Learn More About Harbor Seals

Pacific harbor seals have spotted coats in a variety of shades ranging from white or silver-gray to black or dark brown. Males are slightly larger than females, but on average harbor seals reach 5 to 6 feet in length and weigh up to 300 pounds.

As a true, or “crawling,” seal, harbor seals have ear holes and small flippers that help them move on land by flopping along on their bellies, also known as “galumphing.”
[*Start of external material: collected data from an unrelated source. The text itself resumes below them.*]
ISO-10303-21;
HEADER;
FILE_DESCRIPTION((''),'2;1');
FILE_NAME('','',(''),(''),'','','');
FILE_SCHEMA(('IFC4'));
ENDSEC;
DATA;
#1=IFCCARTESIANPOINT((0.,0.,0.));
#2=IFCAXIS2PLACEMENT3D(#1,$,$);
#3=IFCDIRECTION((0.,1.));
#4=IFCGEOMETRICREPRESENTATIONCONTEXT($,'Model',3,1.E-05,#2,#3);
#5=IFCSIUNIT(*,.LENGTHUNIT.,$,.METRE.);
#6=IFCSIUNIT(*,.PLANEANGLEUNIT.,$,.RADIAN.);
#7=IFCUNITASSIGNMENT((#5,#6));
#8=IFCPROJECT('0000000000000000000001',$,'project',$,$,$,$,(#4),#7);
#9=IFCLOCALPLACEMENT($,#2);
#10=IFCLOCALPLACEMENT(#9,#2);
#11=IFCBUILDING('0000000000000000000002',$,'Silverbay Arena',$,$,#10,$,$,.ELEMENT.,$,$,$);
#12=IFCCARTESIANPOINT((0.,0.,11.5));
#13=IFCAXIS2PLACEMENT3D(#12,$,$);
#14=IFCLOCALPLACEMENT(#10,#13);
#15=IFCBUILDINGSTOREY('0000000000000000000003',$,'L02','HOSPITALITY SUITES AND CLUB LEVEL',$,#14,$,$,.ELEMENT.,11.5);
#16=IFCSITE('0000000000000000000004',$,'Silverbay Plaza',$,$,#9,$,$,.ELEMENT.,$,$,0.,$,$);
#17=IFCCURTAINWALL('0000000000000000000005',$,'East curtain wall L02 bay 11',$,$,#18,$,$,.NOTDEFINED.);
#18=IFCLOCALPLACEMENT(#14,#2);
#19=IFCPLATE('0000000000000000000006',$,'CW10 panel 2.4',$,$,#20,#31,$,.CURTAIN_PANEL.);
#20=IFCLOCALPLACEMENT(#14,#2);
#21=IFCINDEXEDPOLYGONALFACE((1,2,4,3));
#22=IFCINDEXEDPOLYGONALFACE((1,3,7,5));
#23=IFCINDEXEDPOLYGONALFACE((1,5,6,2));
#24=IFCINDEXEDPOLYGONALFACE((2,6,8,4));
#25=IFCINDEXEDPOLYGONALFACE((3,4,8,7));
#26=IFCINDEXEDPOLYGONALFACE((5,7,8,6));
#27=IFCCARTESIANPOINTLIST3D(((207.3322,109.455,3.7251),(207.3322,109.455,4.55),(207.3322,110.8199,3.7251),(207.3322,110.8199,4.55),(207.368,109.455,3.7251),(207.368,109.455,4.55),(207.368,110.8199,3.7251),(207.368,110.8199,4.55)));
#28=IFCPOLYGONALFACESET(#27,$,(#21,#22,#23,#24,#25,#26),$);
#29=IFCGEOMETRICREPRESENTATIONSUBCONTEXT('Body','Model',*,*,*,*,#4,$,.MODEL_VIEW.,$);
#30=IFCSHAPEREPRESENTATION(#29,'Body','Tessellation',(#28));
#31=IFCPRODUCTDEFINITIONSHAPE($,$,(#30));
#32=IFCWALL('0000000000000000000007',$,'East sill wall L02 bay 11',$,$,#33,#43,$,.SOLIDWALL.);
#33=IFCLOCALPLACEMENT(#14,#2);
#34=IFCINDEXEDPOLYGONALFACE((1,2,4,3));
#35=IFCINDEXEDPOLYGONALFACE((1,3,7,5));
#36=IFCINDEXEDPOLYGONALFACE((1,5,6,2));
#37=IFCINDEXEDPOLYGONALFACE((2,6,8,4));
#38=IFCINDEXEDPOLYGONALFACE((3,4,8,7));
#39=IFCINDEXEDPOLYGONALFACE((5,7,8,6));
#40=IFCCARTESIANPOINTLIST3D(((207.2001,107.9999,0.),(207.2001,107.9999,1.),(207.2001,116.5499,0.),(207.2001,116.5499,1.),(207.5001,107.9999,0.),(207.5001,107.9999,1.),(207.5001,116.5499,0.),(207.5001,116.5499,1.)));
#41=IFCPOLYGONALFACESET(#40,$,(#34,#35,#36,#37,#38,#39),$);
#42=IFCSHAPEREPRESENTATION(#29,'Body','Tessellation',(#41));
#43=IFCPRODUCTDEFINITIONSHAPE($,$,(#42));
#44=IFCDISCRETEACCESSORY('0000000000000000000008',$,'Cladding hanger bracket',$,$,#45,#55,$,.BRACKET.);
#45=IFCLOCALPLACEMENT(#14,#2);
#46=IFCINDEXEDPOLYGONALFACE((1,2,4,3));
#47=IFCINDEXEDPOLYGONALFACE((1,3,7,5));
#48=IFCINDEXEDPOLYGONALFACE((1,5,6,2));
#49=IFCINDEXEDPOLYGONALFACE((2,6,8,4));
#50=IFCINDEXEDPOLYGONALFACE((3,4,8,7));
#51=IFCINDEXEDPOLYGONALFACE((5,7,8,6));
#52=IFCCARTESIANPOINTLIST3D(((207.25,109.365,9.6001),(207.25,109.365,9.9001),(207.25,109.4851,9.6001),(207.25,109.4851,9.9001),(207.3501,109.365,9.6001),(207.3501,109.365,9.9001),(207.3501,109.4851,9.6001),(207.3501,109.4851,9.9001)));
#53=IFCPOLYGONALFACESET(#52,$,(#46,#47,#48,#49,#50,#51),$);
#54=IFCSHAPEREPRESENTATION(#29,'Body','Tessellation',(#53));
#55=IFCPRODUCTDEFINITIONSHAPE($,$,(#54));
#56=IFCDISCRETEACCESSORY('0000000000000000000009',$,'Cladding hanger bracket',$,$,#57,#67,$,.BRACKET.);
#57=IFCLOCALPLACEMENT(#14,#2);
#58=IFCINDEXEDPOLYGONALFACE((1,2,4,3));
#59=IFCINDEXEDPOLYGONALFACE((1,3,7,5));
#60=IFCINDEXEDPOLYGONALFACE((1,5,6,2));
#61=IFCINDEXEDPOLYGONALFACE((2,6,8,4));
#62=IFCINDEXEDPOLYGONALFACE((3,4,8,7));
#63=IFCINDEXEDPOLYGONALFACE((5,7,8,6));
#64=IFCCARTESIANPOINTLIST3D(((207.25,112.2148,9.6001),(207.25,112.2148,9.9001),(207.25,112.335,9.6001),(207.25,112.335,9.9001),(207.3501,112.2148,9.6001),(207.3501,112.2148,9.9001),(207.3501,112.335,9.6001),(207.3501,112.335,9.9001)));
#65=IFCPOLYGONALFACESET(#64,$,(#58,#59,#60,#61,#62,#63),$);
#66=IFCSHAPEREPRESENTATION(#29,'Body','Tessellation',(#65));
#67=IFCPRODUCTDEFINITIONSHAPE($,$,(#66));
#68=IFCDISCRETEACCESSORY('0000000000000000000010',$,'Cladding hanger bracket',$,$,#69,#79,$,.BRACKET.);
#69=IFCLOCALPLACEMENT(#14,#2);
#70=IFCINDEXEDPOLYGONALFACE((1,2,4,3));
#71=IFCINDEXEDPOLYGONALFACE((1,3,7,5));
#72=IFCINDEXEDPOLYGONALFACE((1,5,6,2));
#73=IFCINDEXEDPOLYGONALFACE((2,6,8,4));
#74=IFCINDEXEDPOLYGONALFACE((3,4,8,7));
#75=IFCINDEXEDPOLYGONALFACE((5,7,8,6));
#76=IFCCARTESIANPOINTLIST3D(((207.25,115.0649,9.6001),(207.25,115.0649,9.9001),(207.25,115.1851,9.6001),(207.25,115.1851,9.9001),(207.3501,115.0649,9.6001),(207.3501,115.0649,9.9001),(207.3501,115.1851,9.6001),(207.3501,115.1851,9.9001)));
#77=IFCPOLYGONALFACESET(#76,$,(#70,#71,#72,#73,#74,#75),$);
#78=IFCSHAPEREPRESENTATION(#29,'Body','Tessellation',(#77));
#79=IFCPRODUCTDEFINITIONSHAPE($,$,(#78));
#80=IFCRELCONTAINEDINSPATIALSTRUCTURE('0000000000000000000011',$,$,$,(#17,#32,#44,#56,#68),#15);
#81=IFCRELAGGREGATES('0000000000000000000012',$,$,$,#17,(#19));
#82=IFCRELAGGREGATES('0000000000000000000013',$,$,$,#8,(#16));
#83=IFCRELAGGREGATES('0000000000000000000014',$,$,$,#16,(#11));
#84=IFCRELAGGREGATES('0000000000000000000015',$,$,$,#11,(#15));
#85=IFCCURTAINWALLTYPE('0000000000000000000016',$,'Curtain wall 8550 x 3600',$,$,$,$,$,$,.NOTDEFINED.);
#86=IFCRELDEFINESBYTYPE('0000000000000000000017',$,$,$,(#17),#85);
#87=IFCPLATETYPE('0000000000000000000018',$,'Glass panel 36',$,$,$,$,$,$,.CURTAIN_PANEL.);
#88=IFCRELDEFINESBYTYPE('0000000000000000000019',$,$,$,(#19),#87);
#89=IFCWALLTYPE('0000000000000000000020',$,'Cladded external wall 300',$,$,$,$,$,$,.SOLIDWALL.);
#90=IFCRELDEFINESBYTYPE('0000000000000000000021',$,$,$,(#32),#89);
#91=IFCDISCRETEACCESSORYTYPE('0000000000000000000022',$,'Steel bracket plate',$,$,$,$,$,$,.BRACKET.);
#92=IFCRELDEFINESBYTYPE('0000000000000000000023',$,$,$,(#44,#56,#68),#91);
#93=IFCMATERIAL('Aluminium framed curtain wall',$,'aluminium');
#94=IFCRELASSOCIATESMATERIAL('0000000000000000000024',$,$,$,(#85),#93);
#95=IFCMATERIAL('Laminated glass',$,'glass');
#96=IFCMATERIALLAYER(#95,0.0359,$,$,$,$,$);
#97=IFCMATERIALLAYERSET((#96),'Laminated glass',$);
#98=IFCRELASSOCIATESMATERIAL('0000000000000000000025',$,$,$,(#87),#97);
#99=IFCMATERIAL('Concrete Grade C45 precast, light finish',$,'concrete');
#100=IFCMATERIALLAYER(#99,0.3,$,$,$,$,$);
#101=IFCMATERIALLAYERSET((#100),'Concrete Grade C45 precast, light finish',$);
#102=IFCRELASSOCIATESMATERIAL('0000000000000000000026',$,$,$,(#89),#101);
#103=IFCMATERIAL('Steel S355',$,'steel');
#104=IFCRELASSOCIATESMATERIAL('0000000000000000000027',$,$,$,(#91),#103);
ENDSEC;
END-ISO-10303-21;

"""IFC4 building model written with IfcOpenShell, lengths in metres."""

from ifc_helpers import new_model, si_unit, direction, frame, frame_2d, origin, origin_2d, place, context, subcontext, project, spatial, rectangle, extrude, material, layer, layer_set, type_object, element, aggregate, save


model = new_model("IFC4")

# Units and contexts
model_context = context("Model", 3, precision=1e-05, world=origin(), true_north=direction((0.0, 1.0)))
body_context = subcontext(model_context, "Body", "Model", "MODEL_VIEW")
ifc_project = project(units=[si_unit("LENGTHUNIT", "METRE"), si_unit("PLANEANGLEUNIT", "RADIAN")], contexts=[model_context])

# Site, building, storey
site_placement = place(None, origin())
site = spatial("IfcSite", under=ifc_project, at=site_placement, Name="Silverbay Plaza", CompositionType="ELEMENT", RefElevation=0.0)
building_placement = place(site_placement, origin())
building = spatial("IfcBuilding", under=site, at=building_placement, Name="Silverbay Arena", CompositionType="ELEMENT")
storey_placement = place(building_placement, frame((0.0, 0.0, 11.5)))
storey = spatial("IfcBuildingStorey", under=building, at=storey_placement, Name="L02", Description="HOSPITALITY SUITES AND CLUB LEVEL", CompositionType="ELEMENT", Elevation=11.5)

# Curtain wall
ifc_material_1 = material(Name="Aluminium framed curtain wall", Category="aluminium")
curtain_wall_type = type_object("IfcCurtainWallType", Name="Curtain wall 8550 x 3600", PredefinedType="NOTDEFINED", material=ifc_material_1)
curtain_wall_placement = place(storey_placement, origin())
curtain_wall = element("IfcCurtainWall", 1, at=curtain_wall_placement, inside=storey, type_object=curtain_wall_type, Name="East curtain wall L02 bay 11", PredefinedType="NOTDEFINED")

# Plate
ifc_material_2 = material(Name="Laminated glass", Category="glass")
ifc_layer_1 = layer(ifc_material_2, 0.0359)
ifc_layer_set_1 = layer_set([ifc_layer_1], Name="Laminated glass")
plate_type = type_object("IfcPlateType", Name="Glass panel 36", PredefinedType="CURTAIN_PANEL", material=ifc_layer_set_1)
plate_1_placement = place(storey_placement, frame((207.3501, 110.1375, 3.7251), z_axis=(0.0, 0.0, 1.0), x_axis=(0.0, 1.0, 0.0)))
plate_1 = element("IfcPlate", 2, at=plate_1_placement, type_object=plate_type, Name="CW10 panel 2.4", PredefinedType="CURTAIN_PANEL", context=body_context, shape_type="SweptSolid", body=[
    extrude(rectangle(XDim=1.365, YDim=0.0359, at=origin_2d()), origin(), (0.0, 0.0, 1.0), 0.825),
])
aggregate(curtain_wall, [plate_1])

# Wall
ifc_material_3 = material(Name="Concrete Grade C45 precast, light finish", Category="concrete")
ifc_layer_2 = layer(ifc_material_3, 0.3)
ifc_layer_set_2 = layer_set([ifc_layer_2], Name="Concrete Grade C45 precast, light finish")
wall_type = type_object("IfcWallType", Name="Cladded external wall 300", PredefinedType="SOLIDWALL", material=ifc_layer_set_2)
wall_placement = place(storey_placement, frame((207.3501, 108.0, 0.0), z_axis=(0.0, 0.0, 1.0), x_axis=(0.0, 1.0, 0.0)))
element("IfcWall", 3, at=wall_placement, inside=storey, type_object=wall_type, Name="East sill wall L02 bay 11", PredefinedType="SOLIDWALL", context=body_context, shape_type="SweptSolid", body=[
    extrude(rectangle(XDim=8.55, YDim=0.3, at=frame_2d((4.2749, 0.0))), origin(), (0.0, 0.0, 1.0), 1.0),
])

# Discrete accessories
ifc_material_4 = material(Name="Steel S355", Category="steel")
discrete_accessory_type = type_object("IfcDiscreteAccessoryType", Name="Steel bracket plate", PredefinedType="BRACKET", material=ifc_material_4)
for number, where, z_axis, x_axis, name in (
    (4, (207.3, 109.425, 9.6001), (0.0, 0.0, 1.0), (1.0, 0.0, 0.0), "Cladding hanger bracket"),
    (5, (207.3, 112.2749, 9.6001), (0.0, 0.0, 1.0), (1.0, 0.0, 0.0), "Cladding hanger bracket"),
    (6, (207.3, 115.125, 9.6001), (0.0, 0.0, 1.0), (1.0, 0.0, 0.0), "Cladding hanger bracket"),
):
    element("IfcDiscreteAccessory", number, at=place(storey_placement, frame(where, z_axis=z_axis, x_axis=x_axis)), inside=storey, type_object=discrete_accessory_type, Name=name, PredefinedType="BRACKET", context=body_context, shape_type="SweptSolid", body=[
        extrude(rectangle(XDim=0.1001, YDim=0.1201, at=origin_2d()), origin(), (0.0, 0.0, 1.0), 0.3),
    ])

save(model, "model.ifc")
In San Francisco Bay, many harbor seals are fully or partially reddish in color. This may be caused by an accumulation of trace elements such as iron or selenium in the ocean or a change in the hair follicle.

What do they sound like?

call of a harbor seal pup

Meet Our Patient: Bogey

Pacific harbor seal pup Bogey was found alone just below the ninth hole of the famous Pebble Beach Golf Links. While it’s not certain how Bogey ended up alone, many harbor seal pups are orphaned due to humans or dogs getting too close and scaring the pup’s mother away.

Once at our hospital, Bogey was fed a nutritious fish-mash smoothie five times a day. It wasn’t long until he transitioned to eating whole fish and learning how to dive and catch them on his own—important skills Bogey would have learned from his mother in the wild. After months of care, Bogey was released back to his ocean home with other harbor seals his age.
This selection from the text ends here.